Mark:That makes them different people arriving at the same time and place, but there is only one pair at the party.
Exactly as my model would predict. Each travel results in a new timeline. My model allows travel so you can have an Aaron who has not timetraveled, a second who has only failsafed once, and a third who has failsafed once and near failsafed multiple times all in the same timeline. This is a "fact" from the film something that is inconsisten with replacement theory...

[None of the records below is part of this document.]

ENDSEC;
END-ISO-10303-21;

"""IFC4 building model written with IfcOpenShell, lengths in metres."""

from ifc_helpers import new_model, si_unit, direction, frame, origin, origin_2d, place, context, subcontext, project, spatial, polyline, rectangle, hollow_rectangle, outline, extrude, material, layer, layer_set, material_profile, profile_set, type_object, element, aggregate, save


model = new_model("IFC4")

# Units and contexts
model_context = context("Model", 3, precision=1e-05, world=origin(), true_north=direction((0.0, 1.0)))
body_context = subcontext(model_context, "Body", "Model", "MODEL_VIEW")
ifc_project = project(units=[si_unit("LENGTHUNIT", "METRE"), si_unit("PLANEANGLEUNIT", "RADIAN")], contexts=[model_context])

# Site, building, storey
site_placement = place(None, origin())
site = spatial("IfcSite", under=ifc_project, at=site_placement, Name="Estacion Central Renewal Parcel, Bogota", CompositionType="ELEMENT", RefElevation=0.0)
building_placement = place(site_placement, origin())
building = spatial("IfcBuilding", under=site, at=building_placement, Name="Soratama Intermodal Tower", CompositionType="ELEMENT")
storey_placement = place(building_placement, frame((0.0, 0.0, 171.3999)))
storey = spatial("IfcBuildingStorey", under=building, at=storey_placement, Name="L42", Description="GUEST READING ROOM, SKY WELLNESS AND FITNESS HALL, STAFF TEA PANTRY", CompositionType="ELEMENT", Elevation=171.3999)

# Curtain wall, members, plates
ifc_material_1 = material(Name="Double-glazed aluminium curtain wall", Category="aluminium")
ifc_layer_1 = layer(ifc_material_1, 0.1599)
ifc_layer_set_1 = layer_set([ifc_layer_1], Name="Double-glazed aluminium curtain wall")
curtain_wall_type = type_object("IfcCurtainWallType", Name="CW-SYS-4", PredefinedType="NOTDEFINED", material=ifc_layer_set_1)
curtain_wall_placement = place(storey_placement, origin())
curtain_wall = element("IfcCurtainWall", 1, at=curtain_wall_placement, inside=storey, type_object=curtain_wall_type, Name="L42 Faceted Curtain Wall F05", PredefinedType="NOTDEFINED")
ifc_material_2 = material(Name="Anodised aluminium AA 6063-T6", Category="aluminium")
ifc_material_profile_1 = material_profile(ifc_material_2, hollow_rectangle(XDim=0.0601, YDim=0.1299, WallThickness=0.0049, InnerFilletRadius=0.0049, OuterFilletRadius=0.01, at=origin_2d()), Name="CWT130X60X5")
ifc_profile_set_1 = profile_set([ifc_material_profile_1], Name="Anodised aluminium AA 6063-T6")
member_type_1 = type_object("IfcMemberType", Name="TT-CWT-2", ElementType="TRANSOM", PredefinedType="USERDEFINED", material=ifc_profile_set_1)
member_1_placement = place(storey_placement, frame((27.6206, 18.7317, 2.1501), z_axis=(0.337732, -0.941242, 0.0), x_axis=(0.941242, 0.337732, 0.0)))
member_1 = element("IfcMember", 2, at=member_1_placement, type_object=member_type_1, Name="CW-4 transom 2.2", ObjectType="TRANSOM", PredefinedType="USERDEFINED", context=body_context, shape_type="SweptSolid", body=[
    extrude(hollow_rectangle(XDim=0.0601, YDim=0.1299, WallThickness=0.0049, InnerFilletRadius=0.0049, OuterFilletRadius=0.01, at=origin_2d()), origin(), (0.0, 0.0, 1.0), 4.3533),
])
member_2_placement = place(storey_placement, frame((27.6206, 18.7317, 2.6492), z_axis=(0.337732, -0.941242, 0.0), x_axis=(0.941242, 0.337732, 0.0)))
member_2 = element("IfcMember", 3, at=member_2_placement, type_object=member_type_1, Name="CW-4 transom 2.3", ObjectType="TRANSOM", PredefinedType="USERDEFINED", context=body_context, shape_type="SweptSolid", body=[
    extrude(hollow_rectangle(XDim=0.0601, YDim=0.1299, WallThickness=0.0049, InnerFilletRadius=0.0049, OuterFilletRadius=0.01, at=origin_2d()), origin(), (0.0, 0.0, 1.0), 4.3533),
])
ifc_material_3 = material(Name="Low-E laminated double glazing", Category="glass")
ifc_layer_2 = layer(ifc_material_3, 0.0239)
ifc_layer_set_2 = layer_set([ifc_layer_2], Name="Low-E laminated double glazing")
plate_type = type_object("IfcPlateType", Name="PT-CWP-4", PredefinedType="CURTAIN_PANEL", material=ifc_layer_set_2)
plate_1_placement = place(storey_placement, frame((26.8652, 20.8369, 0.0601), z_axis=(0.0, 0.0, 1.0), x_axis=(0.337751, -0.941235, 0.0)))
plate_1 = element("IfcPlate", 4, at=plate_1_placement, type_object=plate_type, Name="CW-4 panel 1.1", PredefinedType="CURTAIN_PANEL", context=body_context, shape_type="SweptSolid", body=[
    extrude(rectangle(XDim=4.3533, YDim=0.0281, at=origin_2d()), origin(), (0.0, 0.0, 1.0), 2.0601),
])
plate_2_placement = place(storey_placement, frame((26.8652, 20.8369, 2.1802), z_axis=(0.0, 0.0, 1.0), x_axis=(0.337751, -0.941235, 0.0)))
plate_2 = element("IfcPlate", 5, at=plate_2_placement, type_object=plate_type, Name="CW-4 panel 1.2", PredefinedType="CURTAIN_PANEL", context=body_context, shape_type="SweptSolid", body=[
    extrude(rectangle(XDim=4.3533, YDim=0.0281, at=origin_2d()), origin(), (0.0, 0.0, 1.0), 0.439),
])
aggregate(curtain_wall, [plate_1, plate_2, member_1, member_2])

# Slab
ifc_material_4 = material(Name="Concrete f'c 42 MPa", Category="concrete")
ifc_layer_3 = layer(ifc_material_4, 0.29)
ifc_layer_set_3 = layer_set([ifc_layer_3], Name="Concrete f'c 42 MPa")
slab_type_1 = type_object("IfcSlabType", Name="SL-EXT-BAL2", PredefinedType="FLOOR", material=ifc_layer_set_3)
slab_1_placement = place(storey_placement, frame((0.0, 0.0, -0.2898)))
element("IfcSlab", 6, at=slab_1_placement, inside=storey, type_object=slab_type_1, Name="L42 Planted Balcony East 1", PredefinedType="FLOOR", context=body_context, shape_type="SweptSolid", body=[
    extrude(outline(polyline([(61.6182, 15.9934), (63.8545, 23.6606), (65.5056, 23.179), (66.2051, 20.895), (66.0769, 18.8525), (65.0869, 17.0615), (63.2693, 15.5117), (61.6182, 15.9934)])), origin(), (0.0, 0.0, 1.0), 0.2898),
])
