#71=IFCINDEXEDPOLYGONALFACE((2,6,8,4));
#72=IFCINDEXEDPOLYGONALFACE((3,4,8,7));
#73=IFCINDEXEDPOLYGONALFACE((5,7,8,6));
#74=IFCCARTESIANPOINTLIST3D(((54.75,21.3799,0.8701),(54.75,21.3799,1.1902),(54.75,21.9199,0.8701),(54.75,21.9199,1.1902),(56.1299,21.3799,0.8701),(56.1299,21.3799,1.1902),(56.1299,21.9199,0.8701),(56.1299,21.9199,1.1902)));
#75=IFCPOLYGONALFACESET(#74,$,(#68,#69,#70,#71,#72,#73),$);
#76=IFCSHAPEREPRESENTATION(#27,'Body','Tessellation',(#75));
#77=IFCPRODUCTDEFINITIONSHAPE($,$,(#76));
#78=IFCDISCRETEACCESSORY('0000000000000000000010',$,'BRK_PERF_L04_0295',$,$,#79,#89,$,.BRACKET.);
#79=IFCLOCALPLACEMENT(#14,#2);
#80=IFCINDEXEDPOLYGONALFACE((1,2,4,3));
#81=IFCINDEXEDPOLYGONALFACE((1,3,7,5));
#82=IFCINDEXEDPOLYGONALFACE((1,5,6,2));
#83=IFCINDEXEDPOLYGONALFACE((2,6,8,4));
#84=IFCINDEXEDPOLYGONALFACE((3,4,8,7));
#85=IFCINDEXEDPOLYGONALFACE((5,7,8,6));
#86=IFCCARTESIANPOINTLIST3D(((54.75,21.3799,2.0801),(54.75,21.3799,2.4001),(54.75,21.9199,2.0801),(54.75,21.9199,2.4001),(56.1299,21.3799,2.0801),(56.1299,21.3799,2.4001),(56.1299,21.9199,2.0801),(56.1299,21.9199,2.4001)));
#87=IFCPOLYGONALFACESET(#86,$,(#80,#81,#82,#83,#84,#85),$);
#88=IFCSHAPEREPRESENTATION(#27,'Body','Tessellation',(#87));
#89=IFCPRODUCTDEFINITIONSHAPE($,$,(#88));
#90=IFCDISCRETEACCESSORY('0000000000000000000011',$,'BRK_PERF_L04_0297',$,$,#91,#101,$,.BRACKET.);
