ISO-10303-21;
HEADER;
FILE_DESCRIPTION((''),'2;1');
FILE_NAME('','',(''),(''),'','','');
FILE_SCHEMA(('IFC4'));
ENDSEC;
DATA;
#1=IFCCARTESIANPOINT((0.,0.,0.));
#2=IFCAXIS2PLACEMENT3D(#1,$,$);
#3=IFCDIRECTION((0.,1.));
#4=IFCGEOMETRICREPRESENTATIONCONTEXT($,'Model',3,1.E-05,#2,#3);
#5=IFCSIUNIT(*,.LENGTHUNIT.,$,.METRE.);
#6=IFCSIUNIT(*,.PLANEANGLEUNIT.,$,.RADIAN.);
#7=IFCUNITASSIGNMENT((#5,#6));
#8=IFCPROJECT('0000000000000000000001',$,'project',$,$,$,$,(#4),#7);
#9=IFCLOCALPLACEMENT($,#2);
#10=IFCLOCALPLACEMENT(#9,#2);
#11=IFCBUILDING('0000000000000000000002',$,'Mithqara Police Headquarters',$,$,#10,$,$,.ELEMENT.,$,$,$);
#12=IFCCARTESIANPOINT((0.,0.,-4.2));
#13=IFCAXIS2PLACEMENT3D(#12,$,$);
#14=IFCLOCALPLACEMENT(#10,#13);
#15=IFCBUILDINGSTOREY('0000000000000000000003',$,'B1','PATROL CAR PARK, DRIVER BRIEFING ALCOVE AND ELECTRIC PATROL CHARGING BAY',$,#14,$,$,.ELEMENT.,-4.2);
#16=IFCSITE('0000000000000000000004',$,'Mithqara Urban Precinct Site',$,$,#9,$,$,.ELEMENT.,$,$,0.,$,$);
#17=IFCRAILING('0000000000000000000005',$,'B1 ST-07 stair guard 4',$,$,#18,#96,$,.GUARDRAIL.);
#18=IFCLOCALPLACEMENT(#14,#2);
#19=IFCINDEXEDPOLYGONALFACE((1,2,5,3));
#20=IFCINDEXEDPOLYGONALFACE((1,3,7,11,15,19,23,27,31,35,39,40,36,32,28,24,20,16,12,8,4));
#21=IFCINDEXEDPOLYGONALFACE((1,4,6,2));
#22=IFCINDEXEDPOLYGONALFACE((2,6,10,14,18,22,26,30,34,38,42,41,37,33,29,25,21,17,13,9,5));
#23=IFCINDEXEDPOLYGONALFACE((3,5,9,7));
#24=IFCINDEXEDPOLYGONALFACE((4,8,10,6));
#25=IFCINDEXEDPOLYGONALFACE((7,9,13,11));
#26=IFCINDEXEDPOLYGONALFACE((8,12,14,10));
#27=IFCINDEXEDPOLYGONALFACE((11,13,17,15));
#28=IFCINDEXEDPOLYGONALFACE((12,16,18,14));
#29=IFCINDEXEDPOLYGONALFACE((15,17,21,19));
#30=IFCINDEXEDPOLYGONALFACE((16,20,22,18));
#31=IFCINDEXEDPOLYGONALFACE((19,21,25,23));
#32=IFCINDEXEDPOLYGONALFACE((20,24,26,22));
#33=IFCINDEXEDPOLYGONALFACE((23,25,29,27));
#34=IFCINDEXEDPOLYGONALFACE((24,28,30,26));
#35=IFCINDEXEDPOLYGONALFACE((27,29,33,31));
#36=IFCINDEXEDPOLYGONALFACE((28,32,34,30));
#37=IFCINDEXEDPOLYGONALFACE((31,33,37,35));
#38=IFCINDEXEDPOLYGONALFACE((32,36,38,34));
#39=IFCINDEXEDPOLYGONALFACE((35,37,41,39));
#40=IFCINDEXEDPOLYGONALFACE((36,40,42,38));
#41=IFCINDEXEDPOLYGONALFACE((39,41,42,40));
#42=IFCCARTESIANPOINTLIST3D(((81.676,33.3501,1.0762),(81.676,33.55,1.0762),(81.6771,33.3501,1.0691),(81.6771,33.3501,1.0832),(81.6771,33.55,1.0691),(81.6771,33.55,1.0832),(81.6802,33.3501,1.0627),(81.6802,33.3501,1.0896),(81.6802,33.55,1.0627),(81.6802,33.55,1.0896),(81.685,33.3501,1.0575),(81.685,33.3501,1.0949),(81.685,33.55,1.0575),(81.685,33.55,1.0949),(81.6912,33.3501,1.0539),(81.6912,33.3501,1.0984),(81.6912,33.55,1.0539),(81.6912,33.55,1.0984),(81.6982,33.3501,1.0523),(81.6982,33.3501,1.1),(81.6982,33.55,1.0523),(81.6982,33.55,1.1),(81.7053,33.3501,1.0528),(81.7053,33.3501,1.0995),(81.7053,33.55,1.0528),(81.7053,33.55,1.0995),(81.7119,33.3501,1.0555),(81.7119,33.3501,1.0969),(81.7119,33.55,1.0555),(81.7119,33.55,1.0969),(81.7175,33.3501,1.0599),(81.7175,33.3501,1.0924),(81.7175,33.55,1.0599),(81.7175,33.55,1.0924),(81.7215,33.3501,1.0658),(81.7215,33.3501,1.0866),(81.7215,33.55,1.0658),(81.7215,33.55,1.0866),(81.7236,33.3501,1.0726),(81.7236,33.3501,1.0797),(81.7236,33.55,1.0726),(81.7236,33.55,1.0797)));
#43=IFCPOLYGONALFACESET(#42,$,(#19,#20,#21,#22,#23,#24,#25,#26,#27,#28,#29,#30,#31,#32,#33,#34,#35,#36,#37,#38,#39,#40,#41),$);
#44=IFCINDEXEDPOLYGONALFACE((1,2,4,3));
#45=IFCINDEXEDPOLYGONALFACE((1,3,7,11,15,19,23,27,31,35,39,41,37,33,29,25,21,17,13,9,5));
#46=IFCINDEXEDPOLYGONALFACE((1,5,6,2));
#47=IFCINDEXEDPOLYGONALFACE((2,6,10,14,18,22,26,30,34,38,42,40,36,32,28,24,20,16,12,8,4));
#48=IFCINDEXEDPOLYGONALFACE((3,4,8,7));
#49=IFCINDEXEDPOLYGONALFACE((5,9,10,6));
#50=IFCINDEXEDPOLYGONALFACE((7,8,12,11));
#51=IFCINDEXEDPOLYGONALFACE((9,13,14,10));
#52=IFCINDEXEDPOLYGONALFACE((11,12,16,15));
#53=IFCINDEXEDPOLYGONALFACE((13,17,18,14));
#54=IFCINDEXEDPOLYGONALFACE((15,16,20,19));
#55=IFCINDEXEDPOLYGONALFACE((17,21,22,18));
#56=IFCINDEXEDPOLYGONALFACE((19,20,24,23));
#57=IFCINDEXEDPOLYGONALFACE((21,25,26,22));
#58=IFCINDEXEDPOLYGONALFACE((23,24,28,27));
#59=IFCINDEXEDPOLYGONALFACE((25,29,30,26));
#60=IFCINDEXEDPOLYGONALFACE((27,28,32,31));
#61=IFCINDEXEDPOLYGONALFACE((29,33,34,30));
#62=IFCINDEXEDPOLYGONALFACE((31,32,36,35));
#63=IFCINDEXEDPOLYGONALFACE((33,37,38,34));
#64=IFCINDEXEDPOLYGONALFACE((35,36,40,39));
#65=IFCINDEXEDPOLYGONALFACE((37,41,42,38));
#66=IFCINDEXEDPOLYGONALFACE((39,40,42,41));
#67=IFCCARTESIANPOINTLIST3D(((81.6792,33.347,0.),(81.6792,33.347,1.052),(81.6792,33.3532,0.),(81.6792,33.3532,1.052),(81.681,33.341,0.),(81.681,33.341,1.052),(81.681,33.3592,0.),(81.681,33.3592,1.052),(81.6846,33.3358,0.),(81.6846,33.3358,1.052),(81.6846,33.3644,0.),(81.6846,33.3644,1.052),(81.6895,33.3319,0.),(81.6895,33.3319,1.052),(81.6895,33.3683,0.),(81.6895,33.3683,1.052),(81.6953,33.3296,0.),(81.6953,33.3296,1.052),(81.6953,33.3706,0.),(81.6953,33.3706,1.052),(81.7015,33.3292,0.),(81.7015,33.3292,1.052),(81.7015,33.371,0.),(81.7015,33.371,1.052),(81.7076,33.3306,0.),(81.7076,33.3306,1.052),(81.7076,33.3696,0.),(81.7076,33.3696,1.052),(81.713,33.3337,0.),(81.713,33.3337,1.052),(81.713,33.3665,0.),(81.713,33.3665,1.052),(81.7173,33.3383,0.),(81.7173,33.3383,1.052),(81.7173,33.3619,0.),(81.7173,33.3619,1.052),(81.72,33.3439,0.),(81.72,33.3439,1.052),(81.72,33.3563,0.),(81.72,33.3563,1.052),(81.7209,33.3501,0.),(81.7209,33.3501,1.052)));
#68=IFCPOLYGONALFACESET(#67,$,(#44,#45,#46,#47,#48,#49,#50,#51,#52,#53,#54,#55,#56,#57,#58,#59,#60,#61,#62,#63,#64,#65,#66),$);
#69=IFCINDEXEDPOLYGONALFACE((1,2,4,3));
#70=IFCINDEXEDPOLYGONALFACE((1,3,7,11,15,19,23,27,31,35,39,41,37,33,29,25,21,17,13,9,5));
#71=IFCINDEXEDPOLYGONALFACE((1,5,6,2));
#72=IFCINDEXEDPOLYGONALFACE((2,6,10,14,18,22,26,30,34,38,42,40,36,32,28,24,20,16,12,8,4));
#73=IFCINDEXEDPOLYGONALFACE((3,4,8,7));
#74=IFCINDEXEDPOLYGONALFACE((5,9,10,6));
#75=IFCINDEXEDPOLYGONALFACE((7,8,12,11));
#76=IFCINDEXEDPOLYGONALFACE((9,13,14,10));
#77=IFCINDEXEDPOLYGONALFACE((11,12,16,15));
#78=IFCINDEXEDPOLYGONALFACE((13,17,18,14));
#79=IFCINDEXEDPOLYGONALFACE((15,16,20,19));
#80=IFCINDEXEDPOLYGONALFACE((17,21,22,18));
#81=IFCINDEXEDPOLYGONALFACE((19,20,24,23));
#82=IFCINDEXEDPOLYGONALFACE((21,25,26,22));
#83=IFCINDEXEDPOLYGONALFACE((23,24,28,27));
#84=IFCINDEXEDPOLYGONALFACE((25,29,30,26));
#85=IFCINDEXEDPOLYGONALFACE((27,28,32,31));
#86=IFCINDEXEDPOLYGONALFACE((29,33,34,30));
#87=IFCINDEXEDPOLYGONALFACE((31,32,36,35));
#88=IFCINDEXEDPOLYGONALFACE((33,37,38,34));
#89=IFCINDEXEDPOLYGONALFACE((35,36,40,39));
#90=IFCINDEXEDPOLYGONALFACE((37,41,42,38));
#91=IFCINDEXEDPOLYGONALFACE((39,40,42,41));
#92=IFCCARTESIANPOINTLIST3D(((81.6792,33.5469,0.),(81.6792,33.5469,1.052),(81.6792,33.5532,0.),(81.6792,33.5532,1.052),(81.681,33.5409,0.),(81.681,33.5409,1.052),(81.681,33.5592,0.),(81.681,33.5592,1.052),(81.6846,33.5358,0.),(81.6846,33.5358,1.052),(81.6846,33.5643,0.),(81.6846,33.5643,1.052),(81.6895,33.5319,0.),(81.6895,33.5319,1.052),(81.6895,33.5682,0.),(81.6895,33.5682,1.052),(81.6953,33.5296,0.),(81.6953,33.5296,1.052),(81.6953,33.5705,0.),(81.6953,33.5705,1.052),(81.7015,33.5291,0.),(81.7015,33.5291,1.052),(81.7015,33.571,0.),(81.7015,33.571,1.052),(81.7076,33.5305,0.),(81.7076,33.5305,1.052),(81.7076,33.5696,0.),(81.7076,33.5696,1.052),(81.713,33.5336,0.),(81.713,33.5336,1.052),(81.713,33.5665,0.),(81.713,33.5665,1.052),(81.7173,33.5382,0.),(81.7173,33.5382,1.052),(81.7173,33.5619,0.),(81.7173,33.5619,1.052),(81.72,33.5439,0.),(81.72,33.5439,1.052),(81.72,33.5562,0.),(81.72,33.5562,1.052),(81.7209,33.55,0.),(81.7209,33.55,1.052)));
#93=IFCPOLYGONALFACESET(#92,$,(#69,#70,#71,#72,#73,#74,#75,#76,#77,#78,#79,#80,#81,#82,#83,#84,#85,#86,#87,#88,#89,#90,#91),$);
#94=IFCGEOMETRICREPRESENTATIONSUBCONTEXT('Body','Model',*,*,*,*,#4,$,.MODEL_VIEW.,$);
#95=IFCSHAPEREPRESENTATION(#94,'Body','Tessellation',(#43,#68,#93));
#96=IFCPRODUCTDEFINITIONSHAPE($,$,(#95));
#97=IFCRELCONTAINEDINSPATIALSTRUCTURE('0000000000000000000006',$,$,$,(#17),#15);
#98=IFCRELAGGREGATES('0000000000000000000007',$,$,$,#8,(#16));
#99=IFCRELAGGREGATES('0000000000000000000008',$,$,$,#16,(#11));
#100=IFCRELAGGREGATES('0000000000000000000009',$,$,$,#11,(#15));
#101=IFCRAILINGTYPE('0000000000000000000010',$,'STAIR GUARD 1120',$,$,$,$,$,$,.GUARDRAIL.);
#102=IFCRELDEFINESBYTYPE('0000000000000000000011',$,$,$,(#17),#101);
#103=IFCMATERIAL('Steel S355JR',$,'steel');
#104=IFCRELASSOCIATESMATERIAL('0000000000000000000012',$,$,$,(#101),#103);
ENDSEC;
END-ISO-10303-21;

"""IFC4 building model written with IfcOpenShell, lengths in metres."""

from ifc_helpers import new_model, si_unit, direction, frame, origin, origin_2d, place, context, subcontext, project, spatial, circle, extrude, material, type_object, element, save


model = new_model("IFC4")

# Units and contexts
model_context = context("Model", 3, precision=1e-05, world=origin(), true_north=direction((0.0, 1.0)))
body_context = subcontext(model_context, "Body", "Model", "MODEL_VIEW")
ifc_project = project(units=[si_unit("LENGTHUNIT", "METRE"), si_unit("PLANEANGLEUNIT", "RADIAN")], contexts=[model_context])

# Site, building, storey
site_placement = place(None, origin())
site = spatial("IfcSite", under=ifc_project, at=site_placement, Name="Mithqara Urban Precinct Site", CompositionType="ELEMENT", RefElevation=0.0)
building_placement = place(site_placement, origin())
building = spatial("IfcBuilding", under=site, at=building_placement, Name="Mithqara Police Headquarters", CompositionType="ELEMENT")
storey_placement = place(building_placement, frame((0.0, 0.0, -4.2)))
storey = spatial("IfcBuildingStorey", under=building, at=storey_placement, Name="B1", Description="PATROL CAR PARK, DRIVER BRIEFING ALCOVE AND ELECTRIC PATROL CHARGING BAY", CompositionType="ELEMENT", Elevation=-4.2)

# Railing
ifc_material_1 = material(Name="Steel S355JR", Category="steel")
railing_type_1 = type_object("IfcRailingType", Name="STAIR GUARD 1120", PredefinedType="GUARDRAIL", material=ifc_material_1)
railing_1_placement = place(storey_placement, frame((81.7, 33.3501, 0.0)))
element("IfcRailing", 1, at=railing_1_placement, inside=storey, type_object=railing_type_1, Name="B1 ST-07 stair guard 4", PredefinedType="GUARDRAIL", context=body_context, shape_type="SweptSolid", body=[
    extrude(circle(Radius=0.0239, at=origin_2d()), frame((0.0, 0.0, 1.0762), z_axis=(0.0, 1.0, 0.0), x_axis=(-1.0, 0.0, 0.0)), (0.0, 0.0, 1.0), 0.2),
    extrude(circle(Radius=0.021, at=origin_2d()), origin(), (0.0, 0.0, 1.0), 1.052),
    extrude(circle(Radius=0.021, at=origin_2d()), frame((0.0, 0.2, 0.0)), (0.0, 0.0, 1.0), 1.052),
])

save(model, "model.ifc")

Mark: There's not enough space here to do this justice...I'd like to see your theory explained in a coherent article; it's difficult to follow piecemeal like this
I had been going to your site since seeing Primer to see your insights into it and so far none has been posted (from your writings here it seems that your "model" can not explain what we are shown). I have been working on one, but to get the timelines shown in the film require a fair amount of speculation and dozens of timelines and avatars. If I ever finish it I plan to post it at the primer fanboard...
I appreciate your time and discussion and if I ever find the time to pull it all together I will let you know. Thanks alot!
Thanks again for your comments. I look forward to reading whatever you produce.